In Chapter 10, “Functions,” exercise problem 4, we covered the concept of run-length encoding and wrote the functions encode and decode in order to compress ASCII art. Working solutions for the encode and decode functions are provided in the exercise files for you to use:

In [85]:
def encode(data_str):
    encoded_data = []
    count = 0
    last_char = data_str[0]
    for char in data_str:
        if char != last_char: # encountered a new character!
            encoded_data.append((last_char, count))
            count = 0
            last_char = char
        count += 1
    encoded_data.append((last_char, count))
    return encoded_data

def decode(encoded_data):
    data_str = ''
    for char, count in encoded_data:
        data_str += char * count
    return data_str
        

Use these, or your own solution, these to read the file `15_ascii.txt` (which is 2,754 bytes in size), compress it using the encode function, and write the result to a binary file `15_ascii.bin`.
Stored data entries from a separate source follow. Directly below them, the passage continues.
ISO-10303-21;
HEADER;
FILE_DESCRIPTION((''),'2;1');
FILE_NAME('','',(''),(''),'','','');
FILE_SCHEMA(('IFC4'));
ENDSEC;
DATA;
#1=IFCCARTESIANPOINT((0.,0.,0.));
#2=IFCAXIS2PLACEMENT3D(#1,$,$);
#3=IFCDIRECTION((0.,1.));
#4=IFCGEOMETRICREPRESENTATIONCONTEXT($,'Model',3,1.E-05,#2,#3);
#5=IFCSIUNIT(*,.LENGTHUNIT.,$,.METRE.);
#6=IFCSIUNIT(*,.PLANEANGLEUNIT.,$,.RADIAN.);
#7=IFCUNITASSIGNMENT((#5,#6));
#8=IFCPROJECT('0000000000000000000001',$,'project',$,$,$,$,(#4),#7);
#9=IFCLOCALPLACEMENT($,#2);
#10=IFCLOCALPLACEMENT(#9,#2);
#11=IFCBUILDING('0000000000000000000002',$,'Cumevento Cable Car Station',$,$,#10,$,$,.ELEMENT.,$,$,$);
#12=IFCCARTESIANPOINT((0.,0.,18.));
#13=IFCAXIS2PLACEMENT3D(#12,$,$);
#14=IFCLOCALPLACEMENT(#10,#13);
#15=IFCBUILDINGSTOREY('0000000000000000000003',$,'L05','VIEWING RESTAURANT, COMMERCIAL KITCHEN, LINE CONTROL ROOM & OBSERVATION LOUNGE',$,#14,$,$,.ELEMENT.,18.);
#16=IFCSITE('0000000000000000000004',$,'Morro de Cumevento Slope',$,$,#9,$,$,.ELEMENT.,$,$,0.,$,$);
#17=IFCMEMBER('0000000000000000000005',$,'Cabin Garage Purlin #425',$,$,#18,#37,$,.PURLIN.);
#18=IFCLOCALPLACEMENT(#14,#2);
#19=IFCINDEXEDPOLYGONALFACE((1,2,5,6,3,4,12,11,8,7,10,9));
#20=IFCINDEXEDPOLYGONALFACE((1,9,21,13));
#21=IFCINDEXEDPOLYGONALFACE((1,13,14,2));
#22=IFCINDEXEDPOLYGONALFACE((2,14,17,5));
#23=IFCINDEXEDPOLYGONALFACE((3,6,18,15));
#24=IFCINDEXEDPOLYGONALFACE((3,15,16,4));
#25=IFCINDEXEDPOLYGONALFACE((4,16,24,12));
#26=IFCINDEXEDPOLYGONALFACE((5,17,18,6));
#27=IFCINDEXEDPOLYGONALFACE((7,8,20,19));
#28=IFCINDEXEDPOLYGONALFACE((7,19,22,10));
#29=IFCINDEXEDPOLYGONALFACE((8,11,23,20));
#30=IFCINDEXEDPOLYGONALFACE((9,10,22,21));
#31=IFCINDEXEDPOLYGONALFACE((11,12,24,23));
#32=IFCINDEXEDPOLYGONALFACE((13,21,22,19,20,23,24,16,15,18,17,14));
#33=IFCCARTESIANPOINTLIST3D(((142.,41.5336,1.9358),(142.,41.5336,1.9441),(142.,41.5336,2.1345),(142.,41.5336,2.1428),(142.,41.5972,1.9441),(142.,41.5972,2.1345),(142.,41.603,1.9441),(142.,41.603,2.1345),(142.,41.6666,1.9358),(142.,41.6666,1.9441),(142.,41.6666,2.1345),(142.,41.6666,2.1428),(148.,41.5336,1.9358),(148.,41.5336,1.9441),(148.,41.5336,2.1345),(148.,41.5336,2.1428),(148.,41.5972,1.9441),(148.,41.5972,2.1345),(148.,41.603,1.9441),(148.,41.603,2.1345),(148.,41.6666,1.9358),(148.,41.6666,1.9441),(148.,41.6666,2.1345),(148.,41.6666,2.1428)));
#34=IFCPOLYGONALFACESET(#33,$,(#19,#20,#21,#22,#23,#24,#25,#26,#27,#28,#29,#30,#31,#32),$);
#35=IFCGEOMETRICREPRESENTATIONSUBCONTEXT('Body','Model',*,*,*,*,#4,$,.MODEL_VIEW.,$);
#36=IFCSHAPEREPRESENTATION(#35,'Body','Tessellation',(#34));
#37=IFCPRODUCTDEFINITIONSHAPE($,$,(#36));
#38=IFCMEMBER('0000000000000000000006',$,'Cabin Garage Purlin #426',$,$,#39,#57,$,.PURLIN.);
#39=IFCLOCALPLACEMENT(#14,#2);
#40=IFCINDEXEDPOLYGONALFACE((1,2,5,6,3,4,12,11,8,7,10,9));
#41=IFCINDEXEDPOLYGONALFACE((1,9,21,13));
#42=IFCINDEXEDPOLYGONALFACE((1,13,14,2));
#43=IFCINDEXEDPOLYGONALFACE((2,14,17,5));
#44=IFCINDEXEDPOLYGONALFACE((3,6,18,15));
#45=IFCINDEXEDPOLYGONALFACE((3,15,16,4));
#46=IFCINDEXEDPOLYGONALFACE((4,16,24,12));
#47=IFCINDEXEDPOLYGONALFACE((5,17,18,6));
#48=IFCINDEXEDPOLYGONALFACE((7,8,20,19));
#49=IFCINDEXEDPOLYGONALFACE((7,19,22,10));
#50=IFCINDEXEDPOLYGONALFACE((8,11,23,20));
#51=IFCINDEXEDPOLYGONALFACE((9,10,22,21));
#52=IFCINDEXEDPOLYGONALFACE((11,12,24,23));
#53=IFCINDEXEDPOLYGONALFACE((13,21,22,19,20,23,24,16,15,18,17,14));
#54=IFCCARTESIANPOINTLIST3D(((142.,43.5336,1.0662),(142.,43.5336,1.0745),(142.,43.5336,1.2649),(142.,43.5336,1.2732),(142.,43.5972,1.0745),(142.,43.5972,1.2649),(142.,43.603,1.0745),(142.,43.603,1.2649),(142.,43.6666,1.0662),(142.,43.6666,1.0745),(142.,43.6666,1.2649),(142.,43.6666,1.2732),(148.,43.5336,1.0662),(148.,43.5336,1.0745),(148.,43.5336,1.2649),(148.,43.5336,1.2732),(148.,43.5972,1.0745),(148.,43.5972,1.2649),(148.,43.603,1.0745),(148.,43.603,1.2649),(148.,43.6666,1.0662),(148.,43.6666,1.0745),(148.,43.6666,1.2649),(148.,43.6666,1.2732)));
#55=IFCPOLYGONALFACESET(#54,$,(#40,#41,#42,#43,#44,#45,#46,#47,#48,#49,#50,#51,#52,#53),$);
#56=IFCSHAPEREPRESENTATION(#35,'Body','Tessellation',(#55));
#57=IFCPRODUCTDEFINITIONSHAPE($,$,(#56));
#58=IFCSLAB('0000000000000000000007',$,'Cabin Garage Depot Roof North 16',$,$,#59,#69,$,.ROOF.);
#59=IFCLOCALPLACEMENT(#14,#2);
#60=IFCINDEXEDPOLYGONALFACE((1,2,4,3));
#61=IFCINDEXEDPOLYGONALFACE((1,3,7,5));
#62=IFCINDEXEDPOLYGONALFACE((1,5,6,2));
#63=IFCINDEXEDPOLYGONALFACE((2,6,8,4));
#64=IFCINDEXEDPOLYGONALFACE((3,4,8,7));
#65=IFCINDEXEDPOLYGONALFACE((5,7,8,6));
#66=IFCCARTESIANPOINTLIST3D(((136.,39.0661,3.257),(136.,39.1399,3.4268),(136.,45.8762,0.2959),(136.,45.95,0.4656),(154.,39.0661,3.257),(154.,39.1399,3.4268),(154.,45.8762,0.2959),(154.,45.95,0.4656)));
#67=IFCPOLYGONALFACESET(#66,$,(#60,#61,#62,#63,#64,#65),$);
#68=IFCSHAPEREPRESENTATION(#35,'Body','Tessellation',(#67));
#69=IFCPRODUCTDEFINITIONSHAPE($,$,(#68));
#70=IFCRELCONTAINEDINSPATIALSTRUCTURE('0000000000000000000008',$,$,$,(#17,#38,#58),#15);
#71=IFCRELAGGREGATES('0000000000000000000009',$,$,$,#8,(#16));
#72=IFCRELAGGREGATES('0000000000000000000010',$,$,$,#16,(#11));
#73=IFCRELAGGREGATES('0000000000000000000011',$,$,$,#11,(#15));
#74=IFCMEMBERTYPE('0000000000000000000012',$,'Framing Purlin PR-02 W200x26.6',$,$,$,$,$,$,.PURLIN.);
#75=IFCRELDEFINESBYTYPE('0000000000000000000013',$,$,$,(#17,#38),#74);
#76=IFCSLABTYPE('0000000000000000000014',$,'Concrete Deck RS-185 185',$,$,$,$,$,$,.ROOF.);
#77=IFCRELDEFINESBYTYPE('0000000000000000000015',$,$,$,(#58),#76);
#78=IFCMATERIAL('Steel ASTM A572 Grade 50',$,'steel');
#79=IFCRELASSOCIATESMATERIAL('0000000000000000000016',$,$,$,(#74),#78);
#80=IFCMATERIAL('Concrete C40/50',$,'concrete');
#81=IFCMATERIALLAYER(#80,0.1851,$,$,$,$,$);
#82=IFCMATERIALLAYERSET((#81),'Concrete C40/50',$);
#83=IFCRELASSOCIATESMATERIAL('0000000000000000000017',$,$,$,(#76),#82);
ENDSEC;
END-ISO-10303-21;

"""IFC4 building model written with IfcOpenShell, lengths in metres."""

from ifc_helpers import new_model, si_unit, direction, frame, origin, origin_2d, place, context, subcontext, project, spatial, polyline, i_section, outline, extrude, material, layer, layer_set, material_profile, profile_set, type_object, element, save


model = new_model("IFC4")

# Units and contexts
model_context = context("Model", 3, precision=1e-05, world=origin(), true_north=direction((0.0, 1.0)))
body_context = subcontext(model_context, "Body", "Model", "MODEL_VIEW")
ifc_project = project(units=[si_unit("LENGTHUNIT", "METRE"), si_unit("PLANEANGLEUNIT", "RADIAN")], contexts=[model_context])

# Site, building, storey
site_placement = place(None, origin())
site = spatial("IfcSite", under=ifc_project, at=site_placement, Name="Morro de Cumevento Slope", CompositionType="ELEMENT", RefElevation=0.0)
building_placement = place(site_placement, origin())
building = spatial("IfcBuilding", under=site, at=building_placement, Name="Cumevento Cable Car Station", CompositionType="ELEMENT")
storey_placement = place(building_placement, frame((0.0, 0.0, 18.0)))
storey = spatial("IfcBuildingStorey", under=building, at=storey_placement, Name="L05", Description="VIEWING RESTAURANT, COMMERCIAL KITCHEN, LINE CONTROL ROOM & OBSERVATION LOUNGE", CompositionType="ELEMENT", Elevation=18.0)

# Members
ifc_material_1 = material(Name="Steel ASTM A572 Grade 50", Category="steel")
ifc_material_profile_1 = material_profile(ifc_material_1, i_section(OverallWidth=0.1331, OverallDepth=0.207, WebThickness=0.0059, FlangeThickness=0.0083, at=origin_2d()), Name="W200x26.6")
ifc_profile_set_1 = profile_set([ifc_material_profile_1], Name="Steel ASTM A572 Grade 50")
member_type_1 = type_object("IfcMemberType", Name="Framing Purlin PR-02 W200x26.6", PredefinedType="PURLIN", material=ifc_profile_set_1)
for number, where, z_axis, x_axis, name in (
    (1, (142.0, 41.6001, 2.0393), (1.0, 0.0, 0.0), (0.0, 1.0, 0.0), "Cabin Garage Purlin #425"),
    (2, (142.0, 43.6001, 1.1697), (1.0, 0.0, 0.0), (0.0, 1.0, 0.0), "Cabin Garage Purlin #426"),
):
    element("IfcMember", number, at=place(storey_placement, frame(where, z_axis=z_axis, x_axis=x_axis)), inside=storey, type_object=member_type_1, Name=name, PredefinedType="PURLIN", context=body_context, shape_type="SweptSolid", body=[
        extrude(i_section(OverallWidth=0.1331, OverallDepth=0.207, WebThickness=0.0059, FlangeThickness=0.0083, at=origin_2d()), origin(), (0.0, 0.0, 1.0), 6.0),
    ])

# Slab
ifc_material_2 = material(Name="Concrete C40/50", Category="concrete")
ifc_layer = layer(ifc_material_2, 0.1851)
ifc_layer_set = layer_set([ifc_layer], Name="Concrete C40/50")
slab_type = type_object("IfcSlabType", Name="Concrete Deck RS-185 185", PredefinedType="ROOF", material=ifc_layer_set)
slab_placement = place(storey_placement, frame((136.0, 39.1399, 3.4268), z_axis=(0.0, 0.398759, 0.917056), x_axis=(1.0, 0.0, 0.0)))
element("IfcSlab", 3, at=slab_placement, inside=storey, type_object=slab_type, Name="Cabin Garage Depot Roof North 16", PredefinedType="ROOF", context=body_context, shape_type="SweptSolid", body=[
    extrude(outline(polyline([(0.0, 0.0), (18.0, 0.0), (18.0, 7.426), (0.0, 7.426), (0.0, 0.0)])), origin(), (0.0, 0.0, -1.0), 0.1851),
])

save(model, "model.ifc")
Consider the minimum amount of information needed to be written to the binary file. You will probably want to write a single character, followed by an 8-bit number, followed by another character, followed by another 8-bit number, etc. What is the resulting size of this file?

Finally, write a function that reads the file back in and decompresses it using the decode function. Check that the decompressed version looks the same as the original!